# Feeder Rats



## alexbee (Mar 3, 2016)

Hey guys

can anyone recommend a place for me to buy rats? im sick of paying the pet shop prices, ive had a look at rodent farm but they have a min 2kg order which is annoying. Im in Brisbane if that helps.

Alex


----------



## ronhalling (Mar 4, 2016)

I would be be giving [MENTION=41835]Wokka[/MENTION] a go, he is a member on here.  ....................Ron


----------



## Wokka (Mar 4, 2016)

thanks for the recommendation Ron, but Rodentfarm is not geared up to deliver small quantities to Brisbane.we require thermal mass to maintain temperature during transit. We recommend that if you require less than 2 kilos you support your local pet shop.

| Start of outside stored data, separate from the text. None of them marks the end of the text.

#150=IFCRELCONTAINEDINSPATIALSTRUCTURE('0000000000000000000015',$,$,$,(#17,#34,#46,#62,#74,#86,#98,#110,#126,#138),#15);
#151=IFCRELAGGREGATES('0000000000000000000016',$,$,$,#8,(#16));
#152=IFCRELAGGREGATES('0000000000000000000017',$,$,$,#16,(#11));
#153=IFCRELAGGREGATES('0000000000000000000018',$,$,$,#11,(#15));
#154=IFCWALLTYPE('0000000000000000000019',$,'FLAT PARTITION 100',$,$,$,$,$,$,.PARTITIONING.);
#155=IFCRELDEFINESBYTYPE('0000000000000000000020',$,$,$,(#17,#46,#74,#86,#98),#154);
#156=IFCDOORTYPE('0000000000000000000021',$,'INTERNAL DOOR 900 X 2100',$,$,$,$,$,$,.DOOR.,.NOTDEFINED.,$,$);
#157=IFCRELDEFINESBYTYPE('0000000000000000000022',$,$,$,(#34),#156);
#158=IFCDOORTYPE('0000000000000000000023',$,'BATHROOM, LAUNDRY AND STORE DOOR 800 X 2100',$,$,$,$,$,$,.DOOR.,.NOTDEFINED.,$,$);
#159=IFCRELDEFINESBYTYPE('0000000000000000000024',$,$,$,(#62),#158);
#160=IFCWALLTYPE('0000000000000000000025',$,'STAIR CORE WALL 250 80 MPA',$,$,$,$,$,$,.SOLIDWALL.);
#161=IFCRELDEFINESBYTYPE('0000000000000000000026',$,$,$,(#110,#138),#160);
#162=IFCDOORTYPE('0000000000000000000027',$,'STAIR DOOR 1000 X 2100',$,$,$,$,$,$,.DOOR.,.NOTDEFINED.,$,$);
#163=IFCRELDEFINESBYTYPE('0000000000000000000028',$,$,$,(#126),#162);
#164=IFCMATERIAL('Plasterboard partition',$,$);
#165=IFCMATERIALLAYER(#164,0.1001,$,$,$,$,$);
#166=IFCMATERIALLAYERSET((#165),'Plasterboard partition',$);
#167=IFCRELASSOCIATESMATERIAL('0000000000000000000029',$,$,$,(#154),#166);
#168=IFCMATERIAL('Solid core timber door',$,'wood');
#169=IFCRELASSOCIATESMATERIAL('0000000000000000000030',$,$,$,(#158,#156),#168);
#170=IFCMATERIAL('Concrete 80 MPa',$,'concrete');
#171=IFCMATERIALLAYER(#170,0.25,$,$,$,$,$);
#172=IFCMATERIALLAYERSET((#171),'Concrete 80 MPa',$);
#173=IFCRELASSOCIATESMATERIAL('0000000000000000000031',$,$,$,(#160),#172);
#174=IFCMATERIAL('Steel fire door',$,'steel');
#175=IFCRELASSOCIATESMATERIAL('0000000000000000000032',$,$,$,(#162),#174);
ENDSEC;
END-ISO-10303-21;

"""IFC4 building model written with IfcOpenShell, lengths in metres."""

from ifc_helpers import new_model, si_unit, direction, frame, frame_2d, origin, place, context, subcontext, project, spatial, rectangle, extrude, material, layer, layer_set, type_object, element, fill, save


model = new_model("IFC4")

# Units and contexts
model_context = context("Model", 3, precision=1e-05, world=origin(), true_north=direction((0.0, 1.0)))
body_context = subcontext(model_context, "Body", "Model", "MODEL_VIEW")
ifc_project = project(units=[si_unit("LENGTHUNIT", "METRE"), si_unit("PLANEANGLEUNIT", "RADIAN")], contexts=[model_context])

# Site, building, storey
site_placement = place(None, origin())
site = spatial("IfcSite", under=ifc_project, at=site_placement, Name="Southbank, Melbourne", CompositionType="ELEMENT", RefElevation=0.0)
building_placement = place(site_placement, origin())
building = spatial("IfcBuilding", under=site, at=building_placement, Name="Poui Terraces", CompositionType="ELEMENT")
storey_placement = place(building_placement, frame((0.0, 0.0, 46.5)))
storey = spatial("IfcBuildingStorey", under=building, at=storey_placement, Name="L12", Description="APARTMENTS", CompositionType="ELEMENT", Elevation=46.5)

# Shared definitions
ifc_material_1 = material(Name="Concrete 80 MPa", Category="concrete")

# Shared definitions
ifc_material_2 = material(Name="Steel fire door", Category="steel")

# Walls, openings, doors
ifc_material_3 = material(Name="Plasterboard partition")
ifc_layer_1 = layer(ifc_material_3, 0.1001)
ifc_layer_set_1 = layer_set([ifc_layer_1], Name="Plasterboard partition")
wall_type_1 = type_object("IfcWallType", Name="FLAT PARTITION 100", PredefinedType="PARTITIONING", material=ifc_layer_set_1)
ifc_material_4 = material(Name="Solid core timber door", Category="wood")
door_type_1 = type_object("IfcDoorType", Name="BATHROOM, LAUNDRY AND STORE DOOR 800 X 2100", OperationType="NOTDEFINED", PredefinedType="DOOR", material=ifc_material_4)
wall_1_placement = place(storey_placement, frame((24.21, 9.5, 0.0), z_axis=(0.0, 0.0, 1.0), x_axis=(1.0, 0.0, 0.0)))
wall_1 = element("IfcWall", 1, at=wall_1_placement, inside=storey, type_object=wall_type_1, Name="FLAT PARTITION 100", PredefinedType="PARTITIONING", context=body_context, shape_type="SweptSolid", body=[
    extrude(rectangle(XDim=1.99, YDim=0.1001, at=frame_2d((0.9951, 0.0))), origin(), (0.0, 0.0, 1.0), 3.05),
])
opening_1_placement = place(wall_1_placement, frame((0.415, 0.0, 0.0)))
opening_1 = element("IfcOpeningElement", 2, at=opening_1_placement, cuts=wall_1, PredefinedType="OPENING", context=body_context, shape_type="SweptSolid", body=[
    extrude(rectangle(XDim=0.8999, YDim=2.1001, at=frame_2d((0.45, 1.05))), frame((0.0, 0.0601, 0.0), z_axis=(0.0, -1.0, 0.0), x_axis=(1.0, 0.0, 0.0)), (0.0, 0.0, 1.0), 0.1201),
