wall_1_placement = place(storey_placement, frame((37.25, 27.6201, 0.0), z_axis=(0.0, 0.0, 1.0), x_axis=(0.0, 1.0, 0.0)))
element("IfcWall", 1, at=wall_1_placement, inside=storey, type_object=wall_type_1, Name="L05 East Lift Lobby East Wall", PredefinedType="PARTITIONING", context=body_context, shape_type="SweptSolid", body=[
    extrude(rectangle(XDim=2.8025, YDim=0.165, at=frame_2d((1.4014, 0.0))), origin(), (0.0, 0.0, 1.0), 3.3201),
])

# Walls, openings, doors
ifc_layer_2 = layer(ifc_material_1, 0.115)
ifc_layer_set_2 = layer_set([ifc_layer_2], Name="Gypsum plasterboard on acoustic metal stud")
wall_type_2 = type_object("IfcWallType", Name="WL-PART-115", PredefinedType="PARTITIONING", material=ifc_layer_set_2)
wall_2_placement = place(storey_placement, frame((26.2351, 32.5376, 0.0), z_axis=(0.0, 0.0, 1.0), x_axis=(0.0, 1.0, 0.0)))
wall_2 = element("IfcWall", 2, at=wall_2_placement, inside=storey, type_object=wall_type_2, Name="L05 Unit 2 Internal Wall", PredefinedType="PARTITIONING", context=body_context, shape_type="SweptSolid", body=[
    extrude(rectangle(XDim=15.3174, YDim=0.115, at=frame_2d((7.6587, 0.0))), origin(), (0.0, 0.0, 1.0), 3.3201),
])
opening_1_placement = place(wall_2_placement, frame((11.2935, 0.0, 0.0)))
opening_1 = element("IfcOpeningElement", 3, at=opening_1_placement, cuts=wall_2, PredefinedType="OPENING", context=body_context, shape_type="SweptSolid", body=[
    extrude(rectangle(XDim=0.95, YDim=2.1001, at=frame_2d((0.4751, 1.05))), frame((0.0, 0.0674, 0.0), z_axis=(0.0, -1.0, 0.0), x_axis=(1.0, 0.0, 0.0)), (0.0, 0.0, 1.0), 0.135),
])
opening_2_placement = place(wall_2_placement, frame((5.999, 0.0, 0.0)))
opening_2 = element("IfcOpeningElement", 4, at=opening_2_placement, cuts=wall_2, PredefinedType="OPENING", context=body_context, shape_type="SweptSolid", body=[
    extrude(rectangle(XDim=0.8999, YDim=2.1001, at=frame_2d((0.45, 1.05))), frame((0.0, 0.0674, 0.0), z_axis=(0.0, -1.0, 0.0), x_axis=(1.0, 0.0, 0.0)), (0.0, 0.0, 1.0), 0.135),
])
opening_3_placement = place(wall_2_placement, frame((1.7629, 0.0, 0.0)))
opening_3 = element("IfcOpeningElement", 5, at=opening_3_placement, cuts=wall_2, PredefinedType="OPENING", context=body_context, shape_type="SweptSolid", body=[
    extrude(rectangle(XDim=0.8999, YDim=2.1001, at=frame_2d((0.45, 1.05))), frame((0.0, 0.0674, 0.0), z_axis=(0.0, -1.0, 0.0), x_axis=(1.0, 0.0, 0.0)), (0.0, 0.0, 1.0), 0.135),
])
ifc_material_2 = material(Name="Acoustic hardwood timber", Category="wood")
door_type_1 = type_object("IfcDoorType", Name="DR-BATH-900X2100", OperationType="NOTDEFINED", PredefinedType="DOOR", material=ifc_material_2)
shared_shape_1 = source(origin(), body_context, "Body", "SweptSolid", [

Without support they will disappear and their will be nothing locally.


----------



## Chris1 (May 26, 2018)

2kg isn't really much, they last for ages in the freezer, get multiple sizes if you're feeding a growing snake.... Otherwise team up with other locals and put in a bigger order?


----------



## Ropey (May 26, 2018)

Shame you weren't in Newcastle @alexbee . I used to pay stupid prices at my local pet shop too until I found Southern Cross Reptiles. I went from paying upwards of $70 for 6 rats down to $24 for 6 rats. SCR feeds them the good stuff...... no dog food.


----------